Frame This: Buying Rights or Denying Rights

Yes, readers of the Spew may be tired of posts about language politics in Quebec, but when a guy has got to spew, a guy has got to spew.  The latest: Pauline Marois, leader of the separatist Parti Quebecois, spoke yesterday about what her party would do after it wins the next election: repeal the Liberal bill 103 that would provide some mechanism for immigrants and Francophones to have their kids be educated in English.

This is really some pretty clever framing of the issue.  The status quo allows folks to send their kids to unsubsidized private English schools (there are very few of these).  The new bill would let folks send their kids for three years to such schools and then they would be eligible for English public schools.  This is all happening because the Canadian Supreme Court ruled against the previous modification to the status quo ante--that kids would become eligible after one year of private school in English.  Marois and the PQ are arguing that the new "pathway" lets the rich buy rights that the rest of the population does not have.  Oooooh.  Rights buying!!!  Nicely framed as to make it look like the issue is of rich Anglophone immigrants buying their way into English education for their kids.

Of course, one could take a different approach, and say that the PQ is denying people the freedom to choose for themselves what is best for their kids.  This would mean that all are denied rights, not just the rich.  On occasion, Marois and other PQ folks have said exactly that and then retreated.  Oops.  So, Marois has to argue that the Canadian Supreme Court is an alien entity with no jurisdiction in Quebec, which is what she does:

Calling the Supreme Court "a tribunal exclusively controlled by another nation," Marois says the PQ would use the notwithstanding clause to extend the French language charter to include all private schools.

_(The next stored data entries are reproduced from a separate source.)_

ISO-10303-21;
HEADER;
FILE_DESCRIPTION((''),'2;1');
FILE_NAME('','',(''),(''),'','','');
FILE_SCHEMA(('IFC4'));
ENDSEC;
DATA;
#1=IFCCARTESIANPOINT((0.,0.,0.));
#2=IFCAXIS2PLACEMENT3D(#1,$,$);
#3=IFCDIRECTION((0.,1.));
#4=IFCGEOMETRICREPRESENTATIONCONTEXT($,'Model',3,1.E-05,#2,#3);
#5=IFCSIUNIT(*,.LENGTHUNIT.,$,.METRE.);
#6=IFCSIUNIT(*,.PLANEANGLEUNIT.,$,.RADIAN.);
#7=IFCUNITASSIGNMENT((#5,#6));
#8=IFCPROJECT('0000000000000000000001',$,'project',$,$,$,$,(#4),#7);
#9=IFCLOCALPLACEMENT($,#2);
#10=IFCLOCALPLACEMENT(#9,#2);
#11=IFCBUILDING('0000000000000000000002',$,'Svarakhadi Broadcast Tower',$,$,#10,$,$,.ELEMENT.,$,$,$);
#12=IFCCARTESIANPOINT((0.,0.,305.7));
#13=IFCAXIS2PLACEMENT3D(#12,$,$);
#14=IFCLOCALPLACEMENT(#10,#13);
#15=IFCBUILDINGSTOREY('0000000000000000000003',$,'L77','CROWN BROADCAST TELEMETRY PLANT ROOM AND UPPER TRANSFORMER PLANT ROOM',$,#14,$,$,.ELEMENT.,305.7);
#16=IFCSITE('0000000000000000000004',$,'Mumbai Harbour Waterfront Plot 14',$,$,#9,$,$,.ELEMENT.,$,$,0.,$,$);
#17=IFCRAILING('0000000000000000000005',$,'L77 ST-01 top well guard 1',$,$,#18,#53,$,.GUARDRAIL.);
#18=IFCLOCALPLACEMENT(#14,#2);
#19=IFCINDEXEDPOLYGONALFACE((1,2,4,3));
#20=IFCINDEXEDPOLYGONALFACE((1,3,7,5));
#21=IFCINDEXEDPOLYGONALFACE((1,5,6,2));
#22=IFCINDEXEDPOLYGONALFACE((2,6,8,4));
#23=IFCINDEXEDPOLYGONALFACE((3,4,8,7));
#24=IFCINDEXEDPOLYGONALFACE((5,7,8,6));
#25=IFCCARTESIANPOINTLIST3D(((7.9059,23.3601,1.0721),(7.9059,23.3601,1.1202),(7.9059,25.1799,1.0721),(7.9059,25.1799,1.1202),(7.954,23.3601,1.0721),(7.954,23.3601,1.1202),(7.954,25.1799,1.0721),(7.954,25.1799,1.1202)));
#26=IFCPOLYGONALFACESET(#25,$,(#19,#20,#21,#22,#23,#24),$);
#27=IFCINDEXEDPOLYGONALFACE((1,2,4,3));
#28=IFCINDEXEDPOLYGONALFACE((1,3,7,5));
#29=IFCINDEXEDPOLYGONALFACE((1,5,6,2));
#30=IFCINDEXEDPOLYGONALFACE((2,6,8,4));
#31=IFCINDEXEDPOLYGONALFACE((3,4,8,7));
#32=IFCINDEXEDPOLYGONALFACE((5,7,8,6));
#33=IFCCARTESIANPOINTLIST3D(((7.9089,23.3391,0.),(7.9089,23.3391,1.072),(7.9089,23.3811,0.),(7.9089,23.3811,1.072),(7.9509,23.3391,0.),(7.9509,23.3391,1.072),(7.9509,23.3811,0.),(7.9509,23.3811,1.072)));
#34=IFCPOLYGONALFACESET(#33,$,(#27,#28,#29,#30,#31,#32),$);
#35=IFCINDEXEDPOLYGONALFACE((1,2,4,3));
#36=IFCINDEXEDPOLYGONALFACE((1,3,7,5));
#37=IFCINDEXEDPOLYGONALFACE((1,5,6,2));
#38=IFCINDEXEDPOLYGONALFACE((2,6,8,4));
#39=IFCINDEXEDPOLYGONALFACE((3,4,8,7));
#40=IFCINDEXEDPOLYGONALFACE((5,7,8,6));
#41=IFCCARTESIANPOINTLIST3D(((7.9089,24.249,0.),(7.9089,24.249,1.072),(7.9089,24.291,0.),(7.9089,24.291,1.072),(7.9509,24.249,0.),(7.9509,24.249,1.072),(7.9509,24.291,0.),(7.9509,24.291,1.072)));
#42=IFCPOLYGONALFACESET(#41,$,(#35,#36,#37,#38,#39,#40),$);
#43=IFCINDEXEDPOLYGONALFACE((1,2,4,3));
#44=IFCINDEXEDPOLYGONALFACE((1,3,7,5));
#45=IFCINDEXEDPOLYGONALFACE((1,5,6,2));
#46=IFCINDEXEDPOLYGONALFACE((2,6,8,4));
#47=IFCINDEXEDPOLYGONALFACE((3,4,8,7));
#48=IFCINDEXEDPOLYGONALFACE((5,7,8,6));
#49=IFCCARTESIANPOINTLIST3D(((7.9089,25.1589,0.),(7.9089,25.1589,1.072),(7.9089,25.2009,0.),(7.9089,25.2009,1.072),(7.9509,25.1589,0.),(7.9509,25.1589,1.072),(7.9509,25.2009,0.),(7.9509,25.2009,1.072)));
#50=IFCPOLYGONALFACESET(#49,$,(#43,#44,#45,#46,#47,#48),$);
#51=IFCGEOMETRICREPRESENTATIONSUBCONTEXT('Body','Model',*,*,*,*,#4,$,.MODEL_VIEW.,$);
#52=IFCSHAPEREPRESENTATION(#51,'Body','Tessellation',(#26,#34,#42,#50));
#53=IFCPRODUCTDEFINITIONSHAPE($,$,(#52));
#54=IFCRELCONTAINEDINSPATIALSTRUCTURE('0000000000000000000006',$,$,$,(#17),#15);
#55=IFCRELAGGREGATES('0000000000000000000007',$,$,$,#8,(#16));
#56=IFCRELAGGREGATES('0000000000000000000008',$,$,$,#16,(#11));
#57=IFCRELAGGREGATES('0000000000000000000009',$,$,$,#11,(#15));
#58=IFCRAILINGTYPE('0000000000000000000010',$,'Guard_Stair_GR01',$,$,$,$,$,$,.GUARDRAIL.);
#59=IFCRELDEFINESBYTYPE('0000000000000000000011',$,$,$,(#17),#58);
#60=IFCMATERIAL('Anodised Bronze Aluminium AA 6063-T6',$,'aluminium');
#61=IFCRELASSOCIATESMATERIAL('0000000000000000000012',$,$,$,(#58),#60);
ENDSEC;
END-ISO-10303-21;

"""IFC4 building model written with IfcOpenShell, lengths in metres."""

from ifc_helpers import new_model, si_unit, direction, frame, origin, origin_2d, place, context, subcontext, project, spatial, rectangle, extrude, material, type_object, element, save


model = new_model("IFC4")

# Units and contexts
model_context = context("Model", 3, precision=1e-05, world=origin(), true_north=direction((0.0, 1.0)))
body_context = subcontext(model_context, "Body", "Model", "MODEL_VIEW")
ifc_project = project(units=[si_unit("LENGTHUNIT", "METRE"), si_unit("PLANEANGLEUNIT", "RADIAN")], contexts=[model_context])

# Site, building, storey
site_placement = place(None, origin())
site = spatial("IfcSite", under=ifc_project, at=site_placement, Name="Mumbai Harbour Waterfront Plot 14", CompositionType="ELEMENT", RefElevation=0.0)
building_placement = place(site_placement, origin())
building = spatial("IfcBuilding", under=site, at=building_placement, Name="Svarakhadi Broadcast Tower", CompositionType="ELEMENT")
storey_placement = place(building_placement, frame((0.0, 0.0, 305.7)))
storey = spatial("IfcBuildingStorey", under=building, at=storey_placement, Name="L77", Description="CROWN BROADCAST TELEMETRY PLANT ROOM AND UPPER TRANSFORMER PLANT ROOM", CompositionType="ELEMENT", Elevation=305.7)

# Railing
ifc_material_1 = material(Name="Anodised Bronze Aluminium AA 6063-T6", Category="aluminium")
railing_type = type_object("IfcRailingType", Name="Guard_Stair_GR01", PredefinedType="GUARDRAIL", material=ifc_material_1)
railing_placement = place(storey_placement, frame((7.9299, 23.3601, 0.0)))
element("IfcRailing", 1, at=railing_placement, inside=storey, type_object=railing_type, Name="L77 ST-01 top well guard 1", PredefinedType="GUARDRAIL", context=body_context, shape_type="SweptSolid", body=[
    extrude(rectangle(XDim=0.0481, YDim=0.0481, at=origin_2d()), frame((0.0, 0.0, 1.0962), z_axis=(0.0, 1.0, 0.0), x_axis=(-1.0, 0.0, 0.0)), (0.0, 0.0, 1.0), 1.8198),
    extrude(rectangle(XDim=0.042, YDim=0.042, at=origin_2d()), origin(), (0.0, 0.0, 1.0), 1.072),
    extrude(rectangle(XDim=0.042, YDim=0.042, at=origin_2d()), frame((0.0, 0.9099, 0.0)), (0.0, 0.0, 1.0), 1.072),
    extrude(rectangle(XDim=0.042, YDim=0.042, at=origin_2d()), frame((0.0, 1.8198, 0.0)), (0.0, 0.0, 1.0), 1.072),
])

save(model, "model.ifc")
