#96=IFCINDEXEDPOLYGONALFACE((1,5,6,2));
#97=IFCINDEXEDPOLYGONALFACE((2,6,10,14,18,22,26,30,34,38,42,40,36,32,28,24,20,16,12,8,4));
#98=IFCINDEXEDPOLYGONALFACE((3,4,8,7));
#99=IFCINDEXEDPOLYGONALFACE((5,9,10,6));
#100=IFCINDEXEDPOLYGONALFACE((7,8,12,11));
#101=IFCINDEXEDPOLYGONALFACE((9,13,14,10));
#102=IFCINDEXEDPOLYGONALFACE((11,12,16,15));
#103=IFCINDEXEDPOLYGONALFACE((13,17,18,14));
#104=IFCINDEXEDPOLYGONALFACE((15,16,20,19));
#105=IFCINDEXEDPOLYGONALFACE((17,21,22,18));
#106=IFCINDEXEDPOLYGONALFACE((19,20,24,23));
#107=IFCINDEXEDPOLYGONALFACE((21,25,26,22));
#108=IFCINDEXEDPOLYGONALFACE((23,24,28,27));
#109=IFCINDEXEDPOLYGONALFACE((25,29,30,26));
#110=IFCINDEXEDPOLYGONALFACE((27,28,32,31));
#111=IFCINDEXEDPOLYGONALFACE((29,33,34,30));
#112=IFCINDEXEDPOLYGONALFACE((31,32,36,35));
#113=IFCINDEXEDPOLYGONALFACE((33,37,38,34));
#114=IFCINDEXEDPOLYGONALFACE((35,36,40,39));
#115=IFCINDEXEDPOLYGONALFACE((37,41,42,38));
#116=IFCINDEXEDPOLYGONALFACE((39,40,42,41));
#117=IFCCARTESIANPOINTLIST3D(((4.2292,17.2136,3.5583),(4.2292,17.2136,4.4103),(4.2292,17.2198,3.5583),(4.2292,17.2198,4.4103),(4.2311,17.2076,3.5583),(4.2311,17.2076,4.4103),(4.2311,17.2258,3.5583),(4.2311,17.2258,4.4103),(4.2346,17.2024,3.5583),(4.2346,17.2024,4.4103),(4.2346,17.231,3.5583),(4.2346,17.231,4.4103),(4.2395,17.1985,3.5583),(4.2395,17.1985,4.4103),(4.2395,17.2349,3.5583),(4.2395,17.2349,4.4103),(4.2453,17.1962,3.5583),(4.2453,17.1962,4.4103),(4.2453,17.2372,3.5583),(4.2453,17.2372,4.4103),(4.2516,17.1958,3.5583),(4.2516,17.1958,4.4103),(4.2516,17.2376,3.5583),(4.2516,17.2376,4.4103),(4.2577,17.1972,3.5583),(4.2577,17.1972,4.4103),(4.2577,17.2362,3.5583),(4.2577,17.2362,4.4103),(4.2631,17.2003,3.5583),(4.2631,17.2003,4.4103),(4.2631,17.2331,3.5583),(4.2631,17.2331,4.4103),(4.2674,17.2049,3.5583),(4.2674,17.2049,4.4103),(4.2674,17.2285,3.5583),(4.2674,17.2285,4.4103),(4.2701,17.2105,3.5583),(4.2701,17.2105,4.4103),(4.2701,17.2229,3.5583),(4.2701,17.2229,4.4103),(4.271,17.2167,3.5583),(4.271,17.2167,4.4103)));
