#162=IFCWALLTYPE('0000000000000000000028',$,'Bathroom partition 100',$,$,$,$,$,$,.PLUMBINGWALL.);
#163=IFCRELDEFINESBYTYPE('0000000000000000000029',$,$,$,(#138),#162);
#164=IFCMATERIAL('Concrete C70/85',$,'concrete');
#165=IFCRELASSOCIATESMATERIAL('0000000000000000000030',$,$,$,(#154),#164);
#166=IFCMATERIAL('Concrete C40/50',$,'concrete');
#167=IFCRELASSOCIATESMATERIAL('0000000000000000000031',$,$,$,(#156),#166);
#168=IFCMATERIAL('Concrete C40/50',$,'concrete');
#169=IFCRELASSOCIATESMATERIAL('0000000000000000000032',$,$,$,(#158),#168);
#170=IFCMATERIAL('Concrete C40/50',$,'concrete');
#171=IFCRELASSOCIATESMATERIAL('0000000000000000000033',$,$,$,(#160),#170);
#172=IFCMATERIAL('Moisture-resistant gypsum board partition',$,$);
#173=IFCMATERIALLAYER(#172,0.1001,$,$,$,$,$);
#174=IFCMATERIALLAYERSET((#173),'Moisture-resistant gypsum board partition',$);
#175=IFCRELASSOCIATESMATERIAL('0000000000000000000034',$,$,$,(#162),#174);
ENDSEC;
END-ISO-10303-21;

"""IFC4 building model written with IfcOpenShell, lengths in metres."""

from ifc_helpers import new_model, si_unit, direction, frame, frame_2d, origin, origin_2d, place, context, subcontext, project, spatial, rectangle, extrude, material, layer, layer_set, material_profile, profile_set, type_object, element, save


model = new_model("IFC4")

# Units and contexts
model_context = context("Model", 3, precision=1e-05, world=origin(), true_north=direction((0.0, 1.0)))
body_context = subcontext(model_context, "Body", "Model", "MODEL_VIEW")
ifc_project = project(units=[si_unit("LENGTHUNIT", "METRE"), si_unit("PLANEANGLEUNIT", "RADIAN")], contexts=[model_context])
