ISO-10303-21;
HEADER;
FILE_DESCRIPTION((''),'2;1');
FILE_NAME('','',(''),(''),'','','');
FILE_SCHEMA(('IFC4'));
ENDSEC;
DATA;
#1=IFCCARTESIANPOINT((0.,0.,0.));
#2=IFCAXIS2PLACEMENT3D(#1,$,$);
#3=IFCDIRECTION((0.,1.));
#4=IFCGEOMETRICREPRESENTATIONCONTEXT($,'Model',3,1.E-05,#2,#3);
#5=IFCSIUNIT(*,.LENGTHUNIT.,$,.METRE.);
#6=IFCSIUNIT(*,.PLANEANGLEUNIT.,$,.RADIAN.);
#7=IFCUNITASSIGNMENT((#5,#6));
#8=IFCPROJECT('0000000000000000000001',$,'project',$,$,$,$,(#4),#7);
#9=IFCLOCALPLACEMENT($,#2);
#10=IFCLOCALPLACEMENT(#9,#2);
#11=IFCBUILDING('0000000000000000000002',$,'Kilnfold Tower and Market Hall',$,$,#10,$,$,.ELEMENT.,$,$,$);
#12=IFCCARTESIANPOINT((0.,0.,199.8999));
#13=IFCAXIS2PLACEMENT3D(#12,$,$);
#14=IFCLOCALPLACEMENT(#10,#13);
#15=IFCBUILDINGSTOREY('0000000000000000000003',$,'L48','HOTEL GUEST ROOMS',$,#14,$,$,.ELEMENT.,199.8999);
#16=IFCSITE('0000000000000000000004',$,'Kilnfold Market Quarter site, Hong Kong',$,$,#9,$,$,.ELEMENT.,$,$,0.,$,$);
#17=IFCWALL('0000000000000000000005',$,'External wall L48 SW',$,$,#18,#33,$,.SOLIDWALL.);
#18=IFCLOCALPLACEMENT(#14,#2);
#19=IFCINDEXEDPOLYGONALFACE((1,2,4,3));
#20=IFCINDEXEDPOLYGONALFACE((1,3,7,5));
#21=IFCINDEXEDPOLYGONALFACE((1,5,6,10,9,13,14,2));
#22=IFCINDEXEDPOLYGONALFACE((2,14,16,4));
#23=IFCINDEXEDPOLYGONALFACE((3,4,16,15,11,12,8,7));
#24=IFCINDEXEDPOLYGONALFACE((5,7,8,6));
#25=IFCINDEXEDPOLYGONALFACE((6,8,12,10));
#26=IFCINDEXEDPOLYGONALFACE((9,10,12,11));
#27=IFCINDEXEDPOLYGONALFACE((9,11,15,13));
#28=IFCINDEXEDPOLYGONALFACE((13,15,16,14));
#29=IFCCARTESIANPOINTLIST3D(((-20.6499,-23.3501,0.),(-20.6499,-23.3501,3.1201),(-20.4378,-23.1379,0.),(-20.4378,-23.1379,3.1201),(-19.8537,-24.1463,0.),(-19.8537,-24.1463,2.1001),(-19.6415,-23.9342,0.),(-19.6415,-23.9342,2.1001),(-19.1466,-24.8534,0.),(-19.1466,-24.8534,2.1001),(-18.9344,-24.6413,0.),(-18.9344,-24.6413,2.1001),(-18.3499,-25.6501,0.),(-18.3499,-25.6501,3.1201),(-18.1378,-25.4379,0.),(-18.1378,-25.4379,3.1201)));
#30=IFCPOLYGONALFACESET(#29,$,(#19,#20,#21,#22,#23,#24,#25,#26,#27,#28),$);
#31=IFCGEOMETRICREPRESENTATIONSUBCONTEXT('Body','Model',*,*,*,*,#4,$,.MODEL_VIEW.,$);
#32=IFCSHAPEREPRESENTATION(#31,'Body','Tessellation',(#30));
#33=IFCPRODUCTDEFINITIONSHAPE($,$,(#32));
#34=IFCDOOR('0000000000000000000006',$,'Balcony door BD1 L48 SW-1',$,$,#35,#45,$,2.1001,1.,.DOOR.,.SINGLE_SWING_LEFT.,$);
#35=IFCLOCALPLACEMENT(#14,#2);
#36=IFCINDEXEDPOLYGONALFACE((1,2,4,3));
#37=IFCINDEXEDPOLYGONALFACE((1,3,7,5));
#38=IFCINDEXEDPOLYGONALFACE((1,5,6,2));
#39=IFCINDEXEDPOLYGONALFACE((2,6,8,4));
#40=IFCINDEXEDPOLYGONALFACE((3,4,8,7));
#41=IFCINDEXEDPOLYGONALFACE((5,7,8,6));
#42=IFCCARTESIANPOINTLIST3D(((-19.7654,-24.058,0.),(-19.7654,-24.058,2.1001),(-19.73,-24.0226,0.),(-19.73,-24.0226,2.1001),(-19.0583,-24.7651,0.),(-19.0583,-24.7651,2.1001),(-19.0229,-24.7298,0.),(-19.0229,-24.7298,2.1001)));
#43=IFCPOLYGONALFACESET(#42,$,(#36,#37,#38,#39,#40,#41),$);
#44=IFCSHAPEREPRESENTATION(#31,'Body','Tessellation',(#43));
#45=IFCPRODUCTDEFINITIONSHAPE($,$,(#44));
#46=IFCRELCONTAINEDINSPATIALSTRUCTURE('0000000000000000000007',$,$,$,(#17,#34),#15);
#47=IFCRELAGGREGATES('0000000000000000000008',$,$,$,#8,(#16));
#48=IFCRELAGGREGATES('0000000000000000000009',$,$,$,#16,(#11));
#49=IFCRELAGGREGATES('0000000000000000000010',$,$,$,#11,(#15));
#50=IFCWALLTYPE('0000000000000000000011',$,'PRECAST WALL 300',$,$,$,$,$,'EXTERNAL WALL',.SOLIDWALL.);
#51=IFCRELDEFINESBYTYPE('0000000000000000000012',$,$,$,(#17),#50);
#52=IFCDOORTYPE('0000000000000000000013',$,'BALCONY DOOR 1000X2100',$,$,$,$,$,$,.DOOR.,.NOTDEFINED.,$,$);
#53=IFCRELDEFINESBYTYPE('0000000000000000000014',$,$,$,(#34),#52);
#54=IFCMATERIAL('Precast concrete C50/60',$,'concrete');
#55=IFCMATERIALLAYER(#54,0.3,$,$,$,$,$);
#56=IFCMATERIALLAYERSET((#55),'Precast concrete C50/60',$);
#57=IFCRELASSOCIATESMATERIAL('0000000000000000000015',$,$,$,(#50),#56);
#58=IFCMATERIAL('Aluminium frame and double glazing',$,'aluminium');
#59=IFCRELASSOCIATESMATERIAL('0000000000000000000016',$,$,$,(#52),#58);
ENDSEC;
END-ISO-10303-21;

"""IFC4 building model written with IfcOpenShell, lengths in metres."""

from ifc_helpers import new_model, si_unit, direction, frame, frame_2d, origin, place, context, subcontext, project, spatial, rectangle, extrude, source, transform, mapped, material, layer, layer_set, type_object, element, fill, save


model = new_model("IFC4")

# Units and contexts
model_context = context("Model", 3, precision=1e-05, world=origin(), true_north=direction((0.0, 1.0)))
body_context = subcontext(model_context, "Body", "Model", "MODEL_VIEW")
ifc_project = project(units=[si_unit("LENGTHUNIT", "METRE"), si_unit("PLANEANGLEUNIT", "RADIAN")], contexts=[model_context])

# Site, building, storey
site_placement = place(None, origin())
site = spatial("IfcSite", under=ifc_project, at=site_placement, Name="Kilnfold Market Quarter site, Hong Kong", CompositionType="ELEMENT", RefElevation=0.0)
building_placement = place(site_placement, origin())
building = spatial("IfcBuilding", under=site, at=building_placement, Name="Kilnfold Tower and Market Hall", CompositionType="ELEMENT")
storey_placement = place(building_placement, frame((0.0, 0.0, 199.8999)))
storey = spatial("IfcBuildingStorey", under=building, at=storey_placement, Name="L48", Description="HOTEL GUEST ROOMS", CompositionType="ELEMENT", Elevation=199.8999)

# Shared definitions
ifc_material_1 = material(Name="Precast concrete C50/60", Category="concrete")
ifc_layer_1 = layer(ifc_material_1, 0.3)
ifc_layer_set_1 = layer_set([ifc_layer_1], Name="Precast concrete C50/60")
wall_type_1 = type_object("IfcWallType", Name="PRECAST WALL 300", ElementType="EXTERNAL WALL", PredefinedType="SOLIDWALL", material=ifc_layer_set_1)

# Wall, opening, door
ifc_material_2 = material(Name="Aluminium frame and double glazing", Category="aluminium")
door_type_1 = type_object("IfcDoorType", Name="BALCONY DOOR 1000X2100", OperationType="NOTDEFINED", PredefinedType="DOOR", material=ifc_material_2)
shared_shape_1 = source(origin(), body_context, "Body", "SweptSolid", [
    extrude(rectangle(XDim=3.2527, YDim=0.3, at=frame_2d((1.6265, 0.0))), origin(), (0.0, 0.0, 1.0), 3.1201),
])
wall_1_placement = place(storey_placement, frame((-20.5439, -23.2439, 0.0), z_axis=(0.0, 0.0, 1.0), x_axis=(0.707107, -0.707107, 0.0)))
wall_1 = element("IfcWall", 1, at=wall_1_placement, inside=storey, type_object=wall_type_1, Name="External wall L48 SW", PredefinedType="SOLIDWALL", context=body_context, shape_type="MappedRepresentation", body=[
    mapped(shared_shape_1, transform((0.0, 0.0, 0.0))),
])
opening_1_placement = place(wall_1_placement, frame((1.1262, 0.0, 0.0)))
opening_1 = element("IfcOpeningElement", 2, at=opening_1_placement, cuts=wall_1, PredefinedType="OPENING", context=body_context, shape_type="SweptSolid", body=[
    extrude(rectangle(XDim=1.0, YDim=2.1001, at=frame_2d((0.5, 1.05))), frame((0.0, 0.1602, 0.0), z_axis=(0.0, -1.0, 0.0), x_axis=(1.0, 0.0, 0.0)), (0.0, 0.0, 1.0), 0.3201),
])
door_1_placement = place(opening_1_placement, origin())
door_1 = element("IfcDoor", 3, at=door_1_placement, inside=storey, type_object=door_type_1, Name="Balcony door BD1 L48 SW-1", OperationType="SINGLE_SWING_LEFT", OverallHeight=2.1001, OverallWidth=1.0, PredefinedType="DOOR", context=body_context, shape_type="SweptSolid", body=[
    extrude(rectangle(XDim=1.0, YDim=2.1001, at=frame_2d((0.5, 1.05))), frame((0.0, 0.0249, 0.0), z_axis=(0.0, -1.0, 0.0), x_axis=(1.0, 0.0, 0.0)), (0.0, 0.0, 1.0), 0.05),
])
fill(opening_1, door_1)

save(model, "model.ifc")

Tyranny of the majority indeed, as the PQ would come into office with only a plurality of votes (the electoral system would turn that into a majority of seats) and then pass a bill with 50% plus one of the vote in the National Assembly to say that the Charter of Canadian Rights and Freedoms does not apply to language education in Quebec.  Good times.

And I fear this is inevitable.  The Quebec Liberals have been fairly corrupt and inept and been around for quite a while.  So, the PQ is likely to win, especially if it can play nationalist AND class politics with the language issue (even though Anglophones and immigrants in Quebec make less money than Francophones).  Once in power, this promise to trash the existing system can be cashed in easily, unlike promises about referendum on independence.  So, the question for my family is of timing.  My daughter is in ninth grade, and they have only eleven grades here (don't ask).  So, an election will probably happen in 2011, hopefully in the fall.  This would mean that the PQ could pass a bill while my daughter is in 10th grade but perhaps 11th, and then kick in the following year.  So, we might just escape this situation if the timing is right.  If not, then we may be sending our daughter to school in Ontario or the US.

Why?  She has gotten enough French to do ok probably but it would most likely deflate her grades quite significantly just when they matter the most.  Plus, if my daughter goes to French public schools, it would be unlikely that her parents could communicate with her teachers.  The teachers might be able to speak English, but they can say what one cop told me when I got caught speeding and I asked if we could talk in English: "I don't have to."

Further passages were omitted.